2. Promptness of a Curative Instruction

Because the circuit court did not perceive the comment to be improper, it did not issue a curative instruction. Hence, this factor weighs also weighs in favor of Octavio.

3. Strength/Weakness of the Evidence

Contrary to the prosecution's contentions, the evidence against Octavio, although sufficient to convict, was equivocal at best. Octavio's case essentially devolved into a credibility contest between Officers Kissel and Hanuna, on one hand, and Octavio, on the other. The prosecution adduced no direct evidence linking Octavio to the pipe (i.e., fingerprints on the pipe that matched Octavio). Given that Octavio denied having possessed the pipe or depositing the pipe in the car, we cannot say that the evidence against Octavio was overwhelming.

Because all three factors discussed above weigh against the prosecution, we cannot conclude that the prosecution's improper comment about cocaine as a appetite suppressant was harmless beyond a reasonable doubt. Accordingly, we hold, on the record before us, that the comment constituted prosecutorial misconduct that denied Octavio his right to a fair trial.

III. CONCLUSION

Based on the foregoing discussion, we vacate the July 21, 1999 judgment of conviction and sentence and remand for a new trial.

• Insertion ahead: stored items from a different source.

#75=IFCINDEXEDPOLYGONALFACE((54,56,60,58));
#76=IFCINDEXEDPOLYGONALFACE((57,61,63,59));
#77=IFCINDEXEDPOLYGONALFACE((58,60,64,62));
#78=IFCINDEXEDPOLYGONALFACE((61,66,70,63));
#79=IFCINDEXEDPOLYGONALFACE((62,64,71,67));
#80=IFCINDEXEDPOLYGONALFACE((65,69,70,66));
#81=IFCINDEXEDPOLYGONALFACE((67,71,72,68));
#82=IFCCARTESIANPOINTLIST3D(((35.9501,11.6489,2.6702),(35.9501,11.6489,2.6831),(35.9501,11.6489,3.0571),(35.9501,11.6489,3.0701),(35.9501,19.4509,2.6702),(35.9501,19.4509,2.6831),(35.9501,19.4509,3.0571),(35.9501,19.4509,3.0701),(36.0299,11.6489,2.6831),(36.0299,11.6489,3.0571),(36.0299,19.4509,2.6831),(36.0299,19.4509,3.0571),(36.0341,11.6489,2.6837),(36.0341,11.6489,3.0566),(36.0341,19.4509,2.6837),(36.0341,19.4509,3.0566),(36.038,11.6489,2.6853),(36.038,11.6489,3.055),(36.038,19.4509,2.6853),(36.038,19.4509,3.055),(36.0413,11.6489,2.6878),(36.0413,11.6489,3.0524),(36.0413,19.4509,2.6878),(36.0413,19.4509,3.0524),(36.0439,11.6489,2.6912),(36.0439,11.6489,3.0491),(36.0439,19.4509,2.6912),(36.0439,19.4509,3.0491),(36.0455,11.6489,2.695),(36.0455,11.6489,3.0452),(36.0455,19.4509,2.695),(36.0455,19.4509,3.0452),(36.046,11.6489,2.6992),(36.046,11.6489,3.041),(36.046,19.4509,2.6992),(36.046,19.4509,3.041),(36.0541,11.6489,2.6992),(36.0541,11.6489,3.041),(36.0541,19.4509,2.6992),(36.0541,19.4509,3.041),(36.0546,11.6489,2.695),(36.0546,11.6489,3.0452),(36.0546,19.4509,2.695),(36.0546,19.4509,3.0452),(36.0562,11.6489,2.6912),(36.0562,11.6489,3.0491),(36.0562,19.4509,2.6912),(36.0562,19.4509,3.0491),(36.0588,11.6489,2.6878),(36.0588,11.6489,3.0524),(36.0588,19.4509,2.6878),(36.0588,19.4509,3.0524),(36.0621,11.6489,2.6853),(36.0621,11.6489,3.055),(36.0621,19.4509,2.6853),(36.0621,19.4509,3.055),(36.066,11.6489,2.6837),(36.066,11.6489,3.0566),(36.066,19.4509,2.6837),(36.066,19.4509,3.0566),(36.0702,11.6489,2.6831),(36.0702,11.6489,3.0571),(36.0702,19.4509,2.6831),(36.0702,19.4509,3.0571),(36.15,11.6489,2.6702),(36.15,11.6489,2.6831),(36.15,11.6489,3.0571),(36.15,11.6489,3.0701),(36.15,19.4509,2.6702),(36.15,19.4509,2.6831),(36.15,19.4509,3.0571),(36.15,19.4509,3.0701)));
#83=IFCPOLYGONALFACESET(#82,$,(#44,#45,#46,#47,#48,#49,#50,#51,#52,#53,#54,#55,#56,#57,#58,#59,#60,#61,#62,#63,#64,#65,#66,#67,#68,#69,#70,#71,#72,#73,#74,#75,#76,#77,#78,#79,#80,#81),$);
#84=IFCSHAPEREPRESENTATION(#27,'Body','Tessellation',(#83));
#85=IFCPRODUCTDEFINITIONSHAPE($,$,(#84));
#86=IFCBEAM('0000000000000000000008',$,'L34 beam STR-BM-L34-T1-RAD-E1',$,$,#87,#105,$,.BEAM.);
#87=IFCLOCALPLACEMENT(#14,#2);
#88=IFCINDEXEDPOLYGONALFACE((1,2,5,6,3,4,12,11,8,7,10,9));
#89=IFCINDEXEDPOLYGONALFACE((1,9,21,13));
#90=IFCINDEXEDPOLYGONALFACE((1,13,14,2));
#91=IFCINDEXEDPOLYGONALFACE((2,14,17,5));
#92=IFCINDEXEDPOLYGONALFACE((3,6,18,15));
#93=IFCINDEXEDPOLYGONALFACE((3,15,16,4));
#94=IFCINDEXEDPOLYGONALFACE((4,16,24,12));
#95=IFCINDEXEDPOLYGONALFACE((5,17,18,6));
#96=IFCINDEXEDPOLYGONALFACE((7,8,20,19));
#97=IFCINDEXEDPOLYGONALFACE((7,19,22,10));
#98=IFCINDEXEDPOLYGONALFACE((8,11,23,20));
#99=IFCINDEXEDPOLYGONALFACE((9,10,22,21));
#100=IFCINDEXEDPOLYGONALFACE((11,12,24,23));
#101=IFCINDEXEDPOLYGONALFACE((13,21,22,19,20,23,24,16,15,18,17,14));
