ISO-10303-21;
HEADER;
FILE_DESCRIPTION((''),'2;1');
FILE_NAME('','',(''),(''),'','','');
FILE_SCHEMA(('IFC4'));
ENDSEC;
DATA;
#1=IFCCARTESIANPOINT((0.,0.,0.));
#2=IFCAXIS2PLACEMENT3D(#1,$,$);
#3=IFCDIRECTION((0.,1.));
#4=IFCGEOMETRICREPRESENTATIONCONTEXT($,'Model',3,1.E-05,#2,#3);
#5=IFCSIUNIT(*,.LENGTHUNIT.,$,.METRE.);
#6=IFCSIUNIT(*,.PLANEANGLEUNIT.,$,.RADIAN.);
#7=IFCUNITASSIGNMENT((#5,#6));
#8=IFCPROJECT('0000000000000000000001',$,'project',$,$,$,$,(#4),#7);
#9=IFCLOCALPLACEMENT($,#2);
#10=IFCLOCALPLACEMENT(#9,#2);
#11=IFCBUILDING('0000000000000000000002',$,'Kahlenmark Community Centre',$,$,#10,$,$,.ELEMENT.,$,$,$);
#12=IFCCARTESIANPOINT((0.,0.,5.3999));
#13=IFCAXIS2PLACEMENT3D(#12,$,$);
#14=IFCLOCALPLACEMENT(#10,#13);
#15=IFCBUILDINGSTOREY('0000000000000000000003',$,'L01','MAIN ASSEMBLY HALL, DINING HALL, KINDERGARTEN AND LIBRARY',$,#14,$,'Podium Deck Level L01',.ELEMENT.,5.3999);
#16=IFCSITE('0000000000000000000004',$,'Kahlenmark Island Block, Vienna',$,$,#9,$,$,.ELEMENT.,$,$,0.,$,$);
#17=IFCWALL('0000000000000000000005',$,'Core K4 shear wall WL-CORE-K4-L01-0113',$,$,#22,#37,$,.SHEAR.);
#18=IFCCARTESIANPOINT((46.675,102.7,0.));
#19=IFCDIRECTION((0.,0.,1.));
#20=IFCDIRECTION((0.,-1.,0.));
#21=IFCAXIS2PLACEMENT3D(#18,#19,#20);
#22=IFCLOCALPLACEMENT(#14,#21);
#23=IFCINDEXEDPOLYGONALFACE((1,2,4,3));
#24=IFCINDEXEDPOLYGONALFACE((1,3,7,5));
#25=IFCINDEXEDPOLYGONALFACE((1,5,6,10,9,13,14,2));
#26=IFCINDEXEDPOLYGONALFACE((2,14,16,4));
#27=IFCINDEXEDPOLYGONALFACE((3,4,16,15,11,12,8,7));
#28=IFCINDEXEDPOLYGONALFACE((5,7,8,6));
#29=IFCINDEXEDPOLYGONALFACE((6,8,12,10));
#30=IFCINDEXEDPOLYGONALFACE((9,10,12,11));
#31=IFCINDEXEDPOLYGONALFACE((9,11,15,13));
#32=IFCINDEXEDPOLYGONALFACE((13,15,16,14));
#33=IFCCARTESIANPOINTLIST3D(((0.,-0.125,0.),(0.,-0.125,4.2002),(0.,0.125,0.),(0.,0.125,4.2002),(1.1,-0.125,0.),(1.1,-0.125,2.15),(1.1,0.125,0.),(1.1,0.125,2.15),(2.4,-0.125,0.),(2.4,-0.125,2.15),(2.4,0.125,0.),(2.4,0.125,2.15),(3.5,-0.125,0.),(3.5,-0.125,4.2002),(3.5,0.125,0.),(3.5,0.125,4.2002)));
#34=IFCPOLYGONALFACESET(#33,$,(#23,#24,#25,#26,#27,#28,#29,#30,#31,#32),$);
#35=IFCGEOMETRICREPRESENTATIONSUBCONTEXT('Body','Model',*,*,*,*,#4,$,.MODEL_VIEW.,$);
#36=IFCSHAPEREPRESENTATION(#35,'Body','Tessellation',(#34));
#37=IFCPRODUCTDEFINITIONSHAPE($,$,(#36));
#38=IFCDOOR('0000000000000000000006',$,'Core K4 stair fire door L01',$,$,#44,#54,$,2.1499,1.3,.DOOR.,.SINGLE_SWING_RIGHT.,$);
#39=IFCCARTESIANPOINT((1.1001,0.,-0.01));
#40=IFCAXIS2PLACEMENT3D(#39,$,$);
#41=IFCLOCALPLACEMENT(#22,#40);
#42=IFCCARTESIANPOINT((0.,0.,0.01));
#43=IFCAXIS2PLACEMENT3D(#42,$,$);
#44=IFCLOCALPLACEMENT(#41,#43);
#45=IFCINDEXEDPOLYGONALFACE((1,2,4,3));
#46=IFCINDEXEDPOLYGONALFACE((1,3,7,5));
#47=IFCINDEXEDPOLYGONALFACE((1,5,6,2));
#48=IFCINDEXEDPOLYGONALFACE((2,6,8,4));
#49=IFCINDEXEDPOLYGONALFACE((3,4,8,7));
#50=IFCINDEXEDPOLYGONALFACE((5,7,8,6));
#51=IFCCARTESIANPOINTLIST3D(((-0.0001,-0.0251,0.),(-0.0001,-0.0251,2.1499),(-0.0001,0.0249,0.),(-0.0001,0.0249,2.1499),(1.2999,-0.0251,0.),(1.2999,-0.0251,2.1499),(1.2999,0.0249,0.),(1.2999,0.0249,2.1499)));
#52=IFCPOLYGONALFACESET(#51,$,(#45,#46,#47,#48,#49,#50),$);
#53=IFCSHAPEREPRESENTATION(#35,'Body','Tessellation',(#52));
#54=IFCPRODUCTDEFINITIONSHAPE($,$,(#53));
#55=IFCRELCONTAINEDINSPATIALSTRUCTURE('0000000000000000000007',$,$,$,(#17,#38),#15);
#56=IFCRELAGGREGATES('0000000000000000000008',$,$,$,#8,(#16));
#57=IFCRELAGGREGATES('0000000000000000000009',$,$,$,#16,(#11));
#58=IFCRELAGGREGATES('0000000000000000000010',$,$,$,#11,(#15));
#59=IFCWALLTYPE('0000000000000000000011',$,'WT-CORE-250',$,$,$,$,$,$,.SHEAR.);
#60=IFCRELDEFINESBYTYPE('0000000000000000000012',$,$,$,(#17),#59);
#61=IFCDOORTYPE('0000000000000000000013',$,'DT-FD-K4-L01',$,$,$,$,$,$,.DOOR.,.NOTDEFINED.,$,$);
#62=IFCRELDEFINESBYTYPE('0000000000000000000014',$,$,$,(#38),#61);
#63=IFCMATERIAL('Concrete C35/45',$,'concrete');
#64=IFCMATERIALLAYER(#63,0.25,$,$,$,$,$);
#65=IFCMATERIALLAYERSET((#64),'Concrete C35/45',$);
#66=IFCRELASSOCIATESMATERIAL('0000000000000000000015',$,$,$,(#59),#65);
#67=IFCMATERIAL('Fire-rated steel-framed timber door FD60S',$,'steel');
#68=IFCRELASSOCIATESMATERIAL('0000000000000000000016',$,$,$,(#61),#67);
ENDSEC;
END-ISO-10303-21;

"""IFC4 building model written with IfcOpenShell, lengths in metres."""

from ifc_helpers import new_model, si_unit, direction, frame, frame_2d, origin, place, context, subcontext, project, spatial, rectangle, extrude, material, layer, layer_set, type_object, element, fill, save


model = new_model("IFC4")

# Units and contexts
model_context = context("Model", 3, precision=1e-05, world=origin(), true_north=direction((0.0, 1.0)))
body_context = subcontext(model_context, "Body", "Model", "MODEL_VIEW")
ifc_project = project(units=[si_unit("LENGTHUNIT", "METRE"), si_unit("PLANEANGLEUNIT", "RADIAN")], contexts=[model_context])

# Site, building, storey
site_placement = place(None, origin())
site = spatial("IfcSite", under=ifc_project, at=site_placement, Name="Kahlenmark Island Block, Vienna", CompositionType="ELEMENT", RefElevation=0.0)
building_placement = place(site_placement, origin())
building = spatial("IfcBuilding", under=site, at=building_placement, Name="Kahlenmark Community Centre", CompositionType="ELEMENT")
storey_placement = place(building_placement, frame((0.0, 0.0, 5.3999)))
storey = spatial("IfcBuildingStorey", under=building, at=storey_placement, Name="L01", Description="MAIN ASSEMBLY HALL, DINING HALL, KINDERGARTEN AND LIBRARY", LongName="Podium Deck Level L01", CompositionType="ELEMENT", Elevation=5.3999)

# Shared definitions
ifc_material_1 = material(Name="Concrete C35/45", Category="concrete")

# Wall, opening, door
ifc_layer_1 = layer(ifc_material_1, 0.25)
ifc_layer_set_1 = layer_set([ifc_layer_1], Name="Concrete C35/45")
wall_type_1 = type_object("IfcWallType", Name="WT-CORE-250", PredefinedType="SHEAR", material=ifc_layer_set_1)
wall_1_placement = place(storey_placement, frame((46.675, 102.7, 0.0), z_axis=(0.0, 0.0, 1.0), x_axis=(0.0, -1.0, 0.0)))
wall_1 = element("IfcWall", 1, at=wall_1_placement, inside=storey, type_object=wall_type_1, Name="Core K4 shear wall WL-CORE-K4-L01-0113", PredefinedType="SHEAR", context=body_context, shape_type="SweptSolid", body=[
    extrude(rectangle(XDim=3.5, YDim=0.25, at=frame_2d((1.75, 0.0))), origin(), (0.0, 0.0, 1.0), 4.2002),
])
opening_1_placement = place(wall_1_placement, frame((1.1001, 0.0, -0.01)))
opening_1 = element("IfcOpeningElement", 2, at=opening_1_placement, cuts=wall_1, PredefinedType="OPENING", context=body_context, shape_type="SweptSolid", body=[
    extrude(rectangle(XDim=1.3, YDim=2.1599, at=frame_2d((0.6499, 1.0801))), frame((0.0, 0.135, 0.0), z_axis=(0.0, -1.0, 0.0), x_axis=(1.0, 0.0, 0.0)), (0.0, 0.0, 1.0), 0.27),
])
ifc_material_2 = material(Name="Fire-rated steel-framed timber door FD60S", Category="steel")
door_type_1 = type_object("IfcDoorType", Name="DT-FD-K4-L01", OperationType="NOTDEFINED", PredefinedType="DOOR", material=ifc_material_2)
door_1_placement = place(opening_1_placement, frame((0.0, 0.0, 0.01)))
door_1 = element("IfcDoor", 3, at=door_1_placement, inside=storey, type_object=door_type_1, Name="Core K4 stair fire door L01", OperationType="SINGLE_SWING_RIGHT", OverallHeight=2.1499, OverallWidth=1.3, PredefinedType="DOOR", context=body_context, shape_type="SweptSolid", body=[
    extrude(rectangle(XDim=1.3, YDim=2.1499, at=frame_2d((0.6499, 1.075))), frame((0.0, 0.0249, 0.0), z_axis=(0.0, -1.0, 0.0), x_axis=(1.0, 0.0, 0.0)), (0.0, 0.0, 1.0), 0.05),
])
fill(opening_1, door_1)

save(model, "model.ifc")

DATED: Honolulu, Hawai`i, June 26, 2000.
 

On the briefs:

Keith S. Shigetomi,
for defendant-appellant

Bryan K. Sano,
Deputy Prosecuting
Attorney, for
plaintiff-appellee
 
 

1. HRS § 712-1243 provided in relevant part:

(1) A person commits the offense of promoting a dangerous drug in the third degree if the person knowingly possesses any dangerous drug in any amount.

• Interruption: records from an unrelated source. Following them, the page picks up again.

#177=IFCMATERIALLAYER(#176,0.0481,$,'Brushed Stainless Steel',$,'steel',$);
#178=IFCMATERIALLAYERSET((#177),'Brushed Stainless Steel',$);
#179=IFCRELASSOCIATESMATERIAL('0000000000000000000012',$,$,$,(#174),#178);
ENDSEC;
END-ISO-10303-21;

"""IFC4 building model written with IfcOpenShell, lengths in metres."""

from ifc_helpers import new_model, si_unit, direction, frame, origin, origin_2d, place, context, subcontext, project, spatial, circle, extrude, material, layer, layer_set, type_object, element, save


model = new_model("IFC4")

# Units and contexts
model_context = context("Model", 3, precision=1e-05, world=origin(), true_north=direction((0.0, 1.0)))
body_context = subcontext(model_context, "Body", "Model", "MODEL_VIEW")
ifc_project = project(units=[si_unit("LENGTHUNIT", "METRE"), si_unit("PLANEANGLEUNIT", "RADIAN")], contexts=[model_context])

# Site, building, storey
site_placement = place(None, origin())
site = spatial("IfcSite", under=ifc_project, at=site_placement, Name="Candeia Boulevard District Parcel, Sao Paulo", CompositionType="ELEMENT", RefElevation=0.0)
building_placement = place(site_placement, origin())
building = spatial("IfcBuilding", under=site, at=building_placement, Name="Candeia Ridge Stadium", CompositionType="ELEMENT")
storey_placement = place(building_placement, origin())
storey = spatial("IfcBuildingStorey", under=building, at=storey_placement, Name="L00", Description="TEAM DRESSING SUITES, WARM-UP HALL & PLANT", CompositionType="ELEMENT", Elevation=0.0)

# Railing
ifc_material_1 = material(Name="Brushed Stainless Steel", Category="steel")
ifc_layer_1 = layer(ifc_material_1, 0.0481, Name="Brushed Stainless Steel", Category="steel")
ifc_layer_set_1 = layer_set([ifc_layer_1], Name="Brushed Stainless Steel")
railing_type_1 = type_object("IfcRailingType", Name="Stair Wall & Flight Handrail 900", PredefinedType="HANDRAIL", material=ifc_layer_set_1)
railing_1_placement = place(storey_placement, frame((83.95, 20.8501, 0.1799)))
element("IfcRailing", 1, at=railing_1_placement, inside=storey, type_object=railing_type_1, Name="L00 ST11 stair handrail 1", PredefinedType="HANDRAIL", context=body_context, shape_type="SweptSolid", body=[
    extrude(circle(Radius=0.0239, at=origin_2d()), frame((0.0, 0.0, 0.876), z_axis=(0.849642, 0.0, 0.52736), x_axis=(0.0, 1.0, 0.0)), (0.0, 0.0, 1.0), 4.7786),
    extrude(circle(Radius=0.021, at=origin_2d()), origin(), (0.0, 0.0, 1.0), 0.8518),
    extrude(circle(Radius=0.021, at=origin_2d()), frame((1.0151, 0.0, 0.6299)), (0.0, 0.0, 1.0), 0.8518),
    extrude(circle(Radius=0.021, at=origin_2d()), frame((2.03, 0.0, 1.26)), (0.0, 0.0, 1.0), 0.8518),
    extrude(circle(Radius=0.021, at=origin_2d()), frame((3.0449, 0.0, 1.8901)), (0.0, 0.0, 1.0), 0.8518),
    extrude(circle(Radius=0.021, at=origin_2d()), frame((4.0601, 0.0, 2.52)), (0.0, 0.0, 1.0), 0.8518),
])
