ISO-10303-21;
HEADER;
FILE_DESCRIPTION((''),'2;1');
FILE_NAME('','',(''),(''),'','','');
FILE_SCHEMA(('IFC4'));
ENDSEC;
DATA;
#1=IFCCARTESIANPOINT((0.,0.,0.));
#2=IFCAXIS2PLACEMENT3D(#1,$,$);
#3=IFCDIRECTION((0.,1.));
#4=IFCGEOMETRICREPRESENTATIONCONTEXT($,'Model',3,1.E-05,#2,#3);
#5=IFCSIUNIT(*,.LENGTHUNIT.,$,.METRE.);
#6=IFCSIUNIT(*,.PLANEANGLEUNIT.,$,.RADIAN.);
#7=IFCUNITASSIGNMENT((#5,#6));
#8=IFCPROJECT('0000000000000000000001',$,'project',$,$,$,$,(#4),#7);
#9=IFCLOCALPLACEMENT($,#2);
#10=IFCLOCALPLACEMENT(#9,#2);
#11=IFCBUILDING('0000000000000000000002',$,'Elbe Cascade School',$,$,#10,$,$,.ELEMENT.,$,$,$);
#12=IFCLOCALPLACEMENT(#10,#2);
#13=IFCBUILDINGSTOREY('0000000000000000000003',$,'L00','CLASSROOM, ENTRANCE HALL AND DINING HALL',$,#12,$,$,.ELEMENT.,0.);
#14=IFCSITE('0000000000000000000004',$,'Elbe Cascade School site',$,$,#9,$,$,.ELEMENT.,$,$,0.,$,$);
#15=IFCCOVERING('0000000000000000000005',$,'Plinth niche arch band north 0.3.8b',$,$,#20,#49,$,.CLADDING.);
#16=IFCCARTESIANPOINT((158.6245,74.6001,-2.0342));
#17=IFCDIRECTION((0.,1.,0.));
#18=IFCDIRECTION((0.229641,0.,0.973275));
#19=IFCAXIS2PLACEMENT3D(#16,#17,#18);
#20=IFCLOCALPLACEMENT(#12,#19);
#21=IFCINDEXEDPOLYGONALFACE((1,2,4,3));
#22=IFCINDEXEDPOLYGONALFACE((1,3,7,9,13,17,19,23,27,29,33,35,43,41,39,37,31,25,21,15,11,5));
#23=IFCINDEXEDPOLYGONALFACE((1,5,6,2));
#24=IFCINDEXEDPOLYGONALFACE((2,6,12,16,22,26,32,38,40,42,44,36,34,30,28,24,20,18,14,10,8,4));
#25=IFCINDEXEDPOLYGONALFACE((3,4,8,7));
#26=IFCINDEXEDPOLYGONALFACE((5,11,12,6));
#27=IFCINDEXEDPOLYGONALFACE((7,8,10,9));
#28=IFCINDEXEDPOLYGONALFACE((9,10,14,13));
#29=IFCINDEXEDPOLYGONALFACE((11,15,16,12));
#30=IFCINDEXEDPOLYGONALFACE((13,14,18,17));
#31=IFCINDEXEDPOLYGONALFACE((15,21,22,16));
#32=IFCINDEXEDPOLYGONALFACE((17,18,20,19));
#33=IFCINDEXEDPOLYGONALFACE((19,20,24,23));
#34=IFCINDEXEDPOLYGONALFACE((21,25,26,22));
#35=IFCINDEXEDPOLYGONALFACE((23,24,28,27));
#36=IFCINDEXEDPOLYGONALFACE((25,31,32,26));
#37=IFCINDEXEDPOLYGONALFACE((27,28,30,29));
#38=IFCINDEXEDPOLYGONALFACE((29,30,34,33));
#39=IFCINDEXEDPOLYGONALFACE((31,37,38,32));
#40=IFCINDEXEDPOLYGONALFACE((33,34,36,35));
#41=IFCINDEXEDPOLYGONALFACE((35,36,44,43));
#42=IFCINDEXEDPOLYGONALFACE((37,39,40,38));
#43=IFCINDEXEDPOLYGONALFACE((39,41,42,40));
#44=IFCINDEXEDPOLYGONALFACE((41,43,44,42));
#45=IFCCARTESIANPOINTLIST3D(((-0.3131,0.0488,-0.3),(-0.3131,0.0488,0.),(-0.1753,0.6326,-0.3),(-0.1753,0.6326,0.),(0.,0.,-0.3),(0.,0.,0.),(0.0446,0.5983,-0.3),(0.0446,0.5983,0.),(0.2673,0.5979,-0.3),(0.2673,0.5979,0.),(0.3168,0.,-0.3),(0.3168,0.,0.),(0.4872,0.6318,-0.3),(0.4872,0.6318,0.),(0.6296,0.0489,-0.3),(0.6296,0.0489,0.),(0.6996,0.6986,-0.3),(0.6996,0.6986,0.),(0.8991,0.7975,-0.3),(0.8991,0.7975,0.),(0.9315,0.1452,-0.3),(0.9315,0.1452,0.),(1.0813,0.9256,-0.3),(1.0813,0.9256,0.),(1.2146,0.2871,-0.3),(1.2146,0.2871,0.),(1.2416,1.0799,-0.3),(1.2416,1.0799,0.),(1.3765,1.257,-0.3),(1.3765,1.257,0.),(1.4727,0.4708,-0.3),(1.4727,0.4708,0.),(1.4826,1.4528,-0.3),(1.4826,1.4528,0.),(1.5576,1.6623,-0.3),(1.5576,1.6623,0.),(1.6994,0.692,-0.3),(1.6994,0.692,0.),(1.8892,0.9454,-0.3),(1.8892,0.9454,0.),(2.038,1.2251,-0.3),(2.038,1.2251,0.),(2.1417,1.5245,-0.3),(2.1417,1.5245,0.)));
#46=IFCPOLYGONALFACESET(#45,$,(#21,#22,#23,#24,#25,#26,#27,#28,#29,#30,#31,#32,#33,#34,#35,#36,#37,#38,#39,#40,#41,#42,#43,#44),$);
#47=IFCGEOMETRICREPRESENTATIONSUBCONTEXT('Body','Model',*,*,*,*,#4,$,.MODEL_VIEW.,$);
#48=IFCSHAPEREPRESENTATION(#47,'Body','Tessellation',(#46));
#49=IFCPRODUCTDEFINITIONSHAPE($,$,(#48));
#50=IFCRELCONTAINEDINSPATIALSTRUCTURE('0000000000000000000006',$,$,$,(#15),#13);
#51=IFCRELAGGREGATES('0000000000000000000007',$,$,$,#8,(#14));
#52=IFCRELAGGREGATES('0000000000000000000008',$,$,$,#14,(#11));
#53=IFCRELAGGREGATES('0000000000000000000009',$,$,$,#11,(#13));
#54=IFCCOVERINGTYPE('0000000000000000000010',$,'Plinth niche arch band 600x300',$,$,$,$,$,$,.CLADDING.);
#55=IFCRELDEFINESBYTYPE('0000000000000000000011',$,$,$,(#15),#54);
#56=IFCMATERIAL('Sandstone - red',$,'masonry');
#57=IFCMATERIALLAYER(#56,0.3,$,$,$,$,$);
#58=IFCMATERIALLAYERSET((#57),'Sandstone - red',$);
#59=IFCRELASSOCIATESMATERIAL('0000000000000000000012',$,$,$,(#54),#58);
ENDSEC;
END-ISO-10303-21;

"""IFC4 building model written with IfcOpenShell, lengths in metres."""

from ifc_helpers import new_model, si_unit, direction, frame, origin, place, context, subcontext, project, spatial, polyline, outline, extrude, material, layer, layer_set, type_object, element, save


model = new_model("IFC4")

# Units and contexts
model_context = context("Model", 3, precision=1e-05, world=origin(), true_north=direction((0.0, 1.0)))
body_context = subcontext(model_context, "Body", "Model", "MODEL_VIEW")
ifc_project = project(units=[si_unit("LENGTHUNIT", "METRE"), si_unit("PLANEANGLEUNIT", "RADIAN")], contexts=[model_context])

# Site, building, storey
site_placement = place(None, origin())
site = spatial("IfcSite", under=ifc_project, at=site_placement, Name="Elbe Cascade School site", CompositionType="ELEMENT", RefElevation=0.0)
building_placement = place(site_placement, origin())
building = spatial("IfcBuilding", under=site, at=building_placement, Name="Elbe Cascade School", CompositionType="ELEMENT")
storey_placement = place(building_placement, origin())
storey = spatial("IfcBuildingStorey", under=building, at=storey_placement, Name="L00", Description="CLASSROOM, ENTRANCE HALL AND DINING HALL", CompositionType="ELEMENT", Elevation=0.0)

# Covering
ifc_material_1 = material(Name="Sandstone - red", Category="masonry")
ifc_layer_1 = layer(ifc_material_1, 0.3)
ifc_layer_set_1 = layer_set([ifc_layer_1], Name="Sandstone - red")
covering_type_1 = type_object("IfcCoveringType", Name="Plinth niche arch band 600x300", PredefinedType="CLADDING", material=ifc_layer_set_1)
covering_1_placement = place(storey_placement, frame((158.6245, 74.6001, -2.0342), z_axis=(0.0, 1.0, 0.0), x_axis=(0.229641, 0.0, 0.973275)))
element("IfcCovering", 1, at=covering_1_placement, inside=storey, type_object=covering_type_1, Name="Plinth niche arch band north 0.3.8b", PredefinedType="CLADDING", context=body_context, shape_type="SweptSolid", body=[
    extrude(outline(polyline([(0.0, 0.0), (0.3168, 0.0), (0.6296, 0.0489), (0.9315, 0.1452), (1.2146, 0.2871), (1.4727, 0.4708), (1.6994, 0.692), (1.8892, 0.9454), (2.038, 1.2251), (2.1417, 1.5245), (1.5576, 1.6623), (1.4826, 1.4528), (1.3765, 1.257), (1.2416, 1.0799), (1.0813, 0.9256), (0.8991, 0.7975), (0.6996, 0.6986), (0.4872, 0.6318), (0.2673, 0.5979), (0.0446, 0.5983), (-0.1753, 0.6326), (-0.3131, 0.0488), (0.0, 0.0)])), origin(), (0.0, 0.0, -1.0), 0.3),
])

save(model, "model.ifc")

2. HRS § 329-43.5(a) provides in relevant part:

(a) It is unlawful for any person to use, or to possess with intent to use, drug paraphernalia to plant, propagate, cultivate, grow, harvest, manufacture, compound, convert, produce, process, prepare, test, analyze, pack, repack, store, contain, conceal, inject, ingest, inhale, or otherwise introduce into the human body a controlled substance in violation of this chapter.

3. The prosecution cites the following definition of "cocaine": "Cocaine when ingested in small amounts produces feelings of well-being and euphoria, along with a decreased appetite, relief from fatigue, and increased mental alertness." (Emphasis added.) [Answering Brief at 11 (quoting Encyclopedia Britannica, britannica.com (March 10, 2000) at http://www.britannica.com/bcom/article/7/0,5716,24947+1,00.html)]

4. HRE Rule 702 provides

Testimony by experts. If scientific, technical, or other specialized knowledge will assist the trier of fact to understand the evidence or to determine a fact in issue, a witness qualified as an expert by knowledge, skill, experience, training, or education may testify thereto in the form of an opinion or otherwise. In determining the issue of assistance to the trier of fact, the court may consider the trustworthiness and validity of the scientific technique or mode of analysis employed by the proffered expert.